As far as prospects in Congress, I will be taking the business plan up to the appropriators and sharing it with them. They want to know what the investment has been for the last several years, as well as the direction of the program. I think the transparency in this business plan will respond to their needs and concerns.
The House ag appropriations committee last spring proposed no additional funding for this next fiscal year for animal ID. The Senate proposed about $19 million in funding. The two groups haven't yet worked their differences out in conference. They had wanted to see the business plan, which I'll have delivered to them well before they are in conference, so I'm very optimistic about continued support for animal ID.
Where individual animal ID is concerned, how big of a motivator for those opposed is the concern about hidden income currently kept beyond the scrutiny of the Internal Revenue Service (IRS) via cash or barter transactions?
I've heard that speculation, but I can't speak to how valid it is. It would certainly be disappointing if we ultimately were to find that our nation's animal health is being threatened by folks trying to avoid taxes.
The thing I do know is that with the safeguards we have built into the confidentiality in animal ID, I can provide assurances to folks that we have never provided the information from ID to another federal agency. Neither the Environmental Protection Agency or the IRS can access this ID information. This is truly a database about animal health and being able to notify farmers and ranchers in the event of a catastrophic disease outbreak.

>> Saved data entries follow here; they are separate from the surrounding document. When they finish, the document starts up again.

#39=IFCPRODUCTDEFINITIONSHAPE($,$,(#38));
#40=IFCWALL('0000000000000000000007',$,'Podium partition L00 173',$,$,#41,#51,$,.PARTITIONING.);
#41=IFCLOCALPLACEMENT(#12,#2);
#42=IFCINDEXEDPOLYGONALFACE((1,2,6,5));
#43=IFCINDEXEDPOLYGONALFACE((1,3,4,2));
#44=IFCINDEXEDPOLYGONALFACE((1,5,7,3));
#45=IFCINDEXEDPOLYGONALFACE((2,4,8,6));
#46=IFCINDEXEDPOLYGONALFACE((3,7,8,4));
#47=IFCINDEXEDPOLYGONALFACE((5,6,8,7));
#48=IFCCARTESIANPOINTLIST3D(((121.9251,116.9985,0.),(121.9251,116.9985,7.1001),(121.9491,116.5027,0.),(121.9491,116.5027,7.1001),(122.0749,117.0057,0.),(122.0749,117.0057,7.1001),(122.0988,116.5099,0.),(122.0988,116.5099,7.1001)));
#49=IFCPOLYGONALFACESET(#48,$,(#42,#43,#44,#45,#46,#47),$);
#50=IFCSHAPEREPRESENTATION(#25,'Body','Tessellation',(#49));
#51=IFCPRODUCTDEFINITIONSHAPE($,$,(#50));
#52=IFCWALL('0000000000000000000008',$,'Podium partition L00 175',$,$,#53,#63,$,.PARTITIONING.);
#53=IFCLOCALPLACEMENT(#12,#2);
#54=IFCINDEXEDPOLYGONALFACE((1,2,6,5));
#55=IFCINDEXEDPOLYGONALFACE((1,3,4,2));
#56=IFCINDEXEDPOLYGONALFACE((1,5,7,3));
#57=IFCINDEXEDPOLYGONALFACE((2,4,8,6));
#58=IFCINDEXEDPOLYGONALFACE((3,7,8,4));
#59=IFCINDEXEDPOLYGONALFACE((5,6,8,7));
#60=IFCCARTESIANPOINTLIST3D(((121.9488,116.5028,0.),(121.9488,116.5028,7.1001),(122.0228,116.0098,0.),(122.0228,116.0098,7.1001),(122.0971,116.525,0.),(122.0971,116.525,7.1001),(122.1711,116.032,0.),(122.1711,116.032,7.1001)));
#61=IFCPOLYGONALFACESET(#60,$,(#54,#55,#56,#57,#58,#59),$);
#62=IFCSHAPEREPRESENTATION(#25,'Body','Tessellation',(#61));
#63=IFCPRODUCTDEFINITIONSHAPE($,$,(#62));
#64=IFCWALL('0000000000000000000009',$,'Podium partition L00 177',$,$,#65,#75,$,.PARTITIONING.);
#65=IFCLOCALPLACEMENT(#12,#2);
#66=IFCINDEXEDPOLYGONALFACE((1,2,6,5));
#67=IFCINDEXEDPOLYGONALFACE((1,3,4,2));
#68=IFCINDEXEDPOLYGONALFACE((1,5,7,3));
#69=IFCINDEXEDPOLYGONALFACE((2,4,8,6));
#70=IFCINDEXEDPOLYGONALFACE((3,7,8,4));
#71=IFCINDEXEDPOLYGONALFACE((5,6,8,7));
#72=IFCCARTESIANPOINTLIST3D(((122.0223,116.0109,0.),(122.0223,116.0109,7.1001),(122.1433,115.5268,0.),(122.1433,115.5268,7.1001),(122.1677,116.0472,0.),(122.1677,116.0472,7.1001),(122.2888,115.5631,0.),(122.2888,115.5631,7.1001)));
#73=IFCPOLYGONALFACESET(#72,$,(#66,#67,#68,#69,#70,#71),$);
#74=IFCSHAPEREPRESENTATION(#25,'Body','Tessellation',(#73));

If people want to see the merits of having good preparation and planning as it pertains to animal health, take a look at the United Kingdom right now. What could have been a devastating outbreak of foot-and-mouth disease this fall appears at this stage to be well contained.
With the benefit of hindsight, is there a strategy that perhaps USDA could have followed to move the NAIS process along more effectively? Or would the effect have been the same regardless of the approach?
I think everyone would acknowledge that if we had started with the basics of the kind of work we're doing now, with building upon the strength and experience of the existing disease programs if we'd really embraced that from the very beginning and used that as the first step that we might have been able to avoid some of the pitfalls that have been experienced.
But hindsight is always easier.
Do you think perhaps that USDA trying to bite off more than it could chew was an issue with NAIS acceptance? Should USDA have started with a more species-specific strategy than one that was across the board?
There's a lot of merit to having the very comprehensive system that we've got. When you look around the globe, most of the other countries just have one or two species. They didn't tackle as wide a range as we have, but I think that long-term, when this is up and running, we're going to have a system that will be the envy of folks around the globe.
What about the horse side of NAIS?
In the business plan, we're going to draw a distinction between competition horses and pleasure horses. I've clearly heard concern from folks with just a couple of pleasure horses that never leave the place wondering why they need to do it. We don't have to give those as high as a priority as horses that are on the racing, show or rodeo circuit. So we see that as the right place to put the emphasis. And given the recent outbreaks on equine herpes, I think the competition-horse sector will be very welcoming to these adjustments under ID plans.